Biaya tinggi, sedikit spesialis
Beradaptasi dengan peraturan yang terkait dengan keamanan TI merupakan tantangan keuangan dan organisasi. Menurut para ahli, perwakilan perusahaan farmasi yang beroperasi di Polandia seharusnya memiliki masalah paling sedikit dengan ini. Biasanya ini adalah perusahaan global berteknologi tinggi dengan akses ke alat berbasis cloud, jadi penerapan NIS akan relatif sederhana di sini. Pedagang grosir dan apotek, yang biasanya menggunakan administrator jaringan eksternal, menghadapi tantangan yang lebih besar.
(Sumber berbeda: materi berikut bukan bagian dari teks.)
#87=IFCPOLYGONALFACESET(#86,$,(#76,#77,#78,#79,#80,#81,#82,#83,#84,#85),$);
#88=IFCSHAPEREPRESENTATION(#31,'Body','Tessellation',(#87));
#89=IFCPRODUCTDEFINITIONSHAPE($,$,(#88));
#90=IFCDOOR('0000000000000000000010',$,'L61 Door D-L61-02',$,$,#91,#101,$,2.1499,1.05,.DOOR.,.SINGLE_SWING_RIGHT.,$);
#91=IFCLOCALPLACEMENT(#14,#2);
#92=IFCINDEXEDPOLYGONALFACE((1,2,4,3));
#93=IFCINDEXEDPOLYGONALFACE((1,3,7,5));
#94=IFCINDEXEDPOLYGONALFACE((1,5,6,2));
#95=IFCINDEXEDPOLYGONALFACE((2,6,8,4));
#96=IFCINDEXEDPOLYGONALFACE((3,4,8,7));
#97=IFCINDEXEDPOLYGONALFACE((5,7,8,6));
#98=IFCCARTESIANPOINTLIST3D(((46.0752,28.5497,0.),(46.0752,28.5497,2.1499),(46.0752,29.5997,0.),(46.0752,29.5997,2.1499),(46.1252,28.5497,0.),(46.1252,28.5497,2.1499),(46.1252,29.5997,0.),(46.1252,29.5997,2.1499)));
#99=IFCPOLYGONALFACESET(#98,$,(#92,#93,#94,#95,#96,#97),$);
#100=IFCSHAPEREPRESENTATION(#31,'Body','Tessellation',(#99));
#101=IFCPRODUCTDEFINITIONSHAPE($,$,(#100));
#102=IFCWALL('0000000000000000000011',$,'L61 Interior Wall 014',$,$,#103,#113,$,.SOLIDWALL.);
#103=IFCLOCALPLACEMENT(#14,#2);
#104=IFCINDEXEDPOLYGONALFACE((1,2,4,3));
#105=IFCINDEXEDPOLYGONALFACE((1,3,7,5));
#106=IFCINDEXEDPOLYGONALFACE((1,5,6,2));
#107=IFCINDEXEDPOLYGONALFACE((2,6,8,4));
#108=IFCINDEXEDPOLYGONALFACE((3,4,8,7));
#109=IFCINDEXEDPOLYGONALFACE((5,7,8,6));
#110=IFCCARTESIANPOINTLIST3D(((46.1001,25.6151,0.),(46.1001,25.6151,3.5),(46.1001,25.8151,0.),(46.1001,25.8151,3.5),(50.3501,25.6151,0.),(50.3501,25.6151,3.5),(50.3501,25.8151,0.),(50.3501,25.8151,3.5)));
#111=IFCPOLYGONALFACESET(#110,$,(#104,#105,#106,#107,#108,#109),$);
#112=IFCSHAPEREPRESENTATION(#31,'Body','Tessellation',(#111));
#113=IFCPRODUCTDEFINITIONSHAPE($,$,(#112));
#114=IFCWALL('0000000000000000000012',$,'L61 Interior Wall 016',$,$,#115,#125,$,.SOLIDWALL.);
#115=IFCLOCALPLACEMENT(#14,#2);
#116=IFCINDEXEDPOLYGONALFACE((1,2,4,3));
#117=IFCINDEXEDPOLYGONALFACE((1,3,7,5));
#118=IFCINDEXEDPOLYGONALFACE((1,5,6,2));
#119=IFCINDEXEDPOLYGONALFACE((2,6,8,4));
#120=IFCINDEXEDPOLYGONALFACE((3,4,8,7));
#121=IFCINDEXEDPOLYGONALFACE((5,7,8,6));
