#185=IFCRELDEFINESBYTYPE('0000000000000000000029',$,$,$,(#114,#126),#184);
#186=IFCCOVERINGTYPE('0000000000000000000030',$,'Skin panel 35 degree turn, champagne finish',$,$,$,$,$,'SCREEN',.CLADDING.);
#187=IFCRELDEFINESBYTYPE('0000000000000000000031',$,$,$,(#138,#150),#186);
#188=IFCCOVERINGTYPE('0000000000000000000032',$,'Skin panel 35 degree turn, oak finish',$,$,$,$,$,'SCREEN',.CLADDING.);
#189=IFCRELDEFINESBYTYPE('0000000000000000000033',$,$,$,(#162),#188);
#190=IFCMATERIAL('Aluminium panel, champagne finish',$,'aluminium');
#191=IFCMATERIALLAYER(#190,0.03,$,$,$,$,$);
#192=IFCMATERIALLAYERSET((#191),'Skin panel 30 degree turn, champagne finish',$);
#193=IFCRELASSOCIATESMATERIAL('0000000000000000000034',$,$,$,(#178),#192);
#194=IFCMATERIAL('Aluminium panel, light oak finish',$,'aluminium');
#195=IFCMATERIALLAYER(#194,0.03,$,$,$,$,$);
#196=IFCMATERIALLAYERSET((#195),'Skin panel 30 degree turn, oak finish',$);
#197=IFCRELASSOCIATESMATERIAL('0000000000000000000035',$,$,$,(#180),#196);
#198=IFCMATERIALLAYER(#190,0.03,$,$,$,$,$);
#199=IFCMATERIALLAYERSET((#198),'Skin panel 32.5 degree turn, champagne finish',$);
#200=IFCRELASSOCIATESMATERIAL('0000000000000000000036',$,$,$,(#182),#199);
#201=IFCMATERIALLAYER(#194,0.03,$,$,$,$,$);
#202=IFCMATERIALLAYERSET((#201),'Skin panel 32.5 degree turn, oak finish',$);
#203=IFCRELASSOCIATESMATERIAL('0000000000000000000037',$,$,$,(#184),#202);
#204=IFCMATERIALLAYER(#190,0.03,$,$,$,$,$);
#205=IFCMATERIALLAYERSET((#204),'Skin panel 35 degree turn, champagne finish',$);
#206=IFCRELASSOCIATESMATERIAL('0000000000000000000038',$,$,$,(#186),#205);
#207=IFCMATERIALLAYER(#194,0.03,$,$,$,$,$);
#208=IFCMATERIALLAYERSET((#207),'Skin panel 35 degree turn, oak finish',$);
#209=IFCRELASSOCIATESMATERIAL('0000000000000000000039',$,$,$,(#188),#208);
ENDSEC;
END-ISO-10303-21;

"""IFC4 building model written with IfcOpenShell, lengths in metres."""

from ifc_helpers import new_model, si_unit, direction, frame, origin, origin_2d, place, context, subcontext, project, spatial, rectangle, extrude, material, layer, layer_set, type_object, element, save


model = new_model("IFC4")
Proses ini tentunya akan menjadi masalah terbesar bagi rumah sakit dan fasilitas medis, terutama karena alasan finansial.
- Kami baru-baru ini menyiapkan studi untuk entitas jenis ini untuk membantu mendapatkan pembiayaan untuk memastikan keamanan siber dan ternyata tidak ada dana untuk inovasi atau sektoral yang akan menutupi area ini. Jadi situasinya cukup sulit. Negara mewajibkan rumah sakit untuk melakukan ini, tetapi uangnya harus diperoleh dari anggaran mereka sendiri. Sementara itu, kita semua tahu bahwa situasi keuangan layanan kesehatan Polandia tidak cerah, kata Marcin Jan Wachowski
Namun, bahkan untuk perusahaan yang tidak takut dengan biaya beberapa ratus ribu zlotys, menemukan spesialis keamanan siber mungkin menjadi masalah. Yang tersedia di Polandia telah lama diminati oleh perusahaan Barat yang kaya. Akses ke nasihat hukum, yang akan diperlukan saat membuat dokumentasi atau pusat operasional khusus, di mana CSIRT (Computer Security Incident Response Team) akan menangkap dan memproses data insiden, tidak terlalu bermasalah.
Kurangnya dokumentasi dan prosedur hukum yang disesuaikan dengan persyaratan Undang-Undang membuat operator layanan utama terkena hukuman, yang dapat mencapai hingga dua juta zlotys (atau hingga dua kali lipat dari remunerasi untuk orang yang mengelola organisasi semacam itu). Salah satu kasus pertama, juga terkait dengan pelanggaran GDPR, baru-baru ini dilaporkan di Portugal, di mana Rumah Sakit Pusat Barreiro-Montijo didenda EUR 400.000 karena kelalaian memberikan akses ke data medis kepada banyak orang yang tidak melakukannya. harus memiliki akses seperti itu.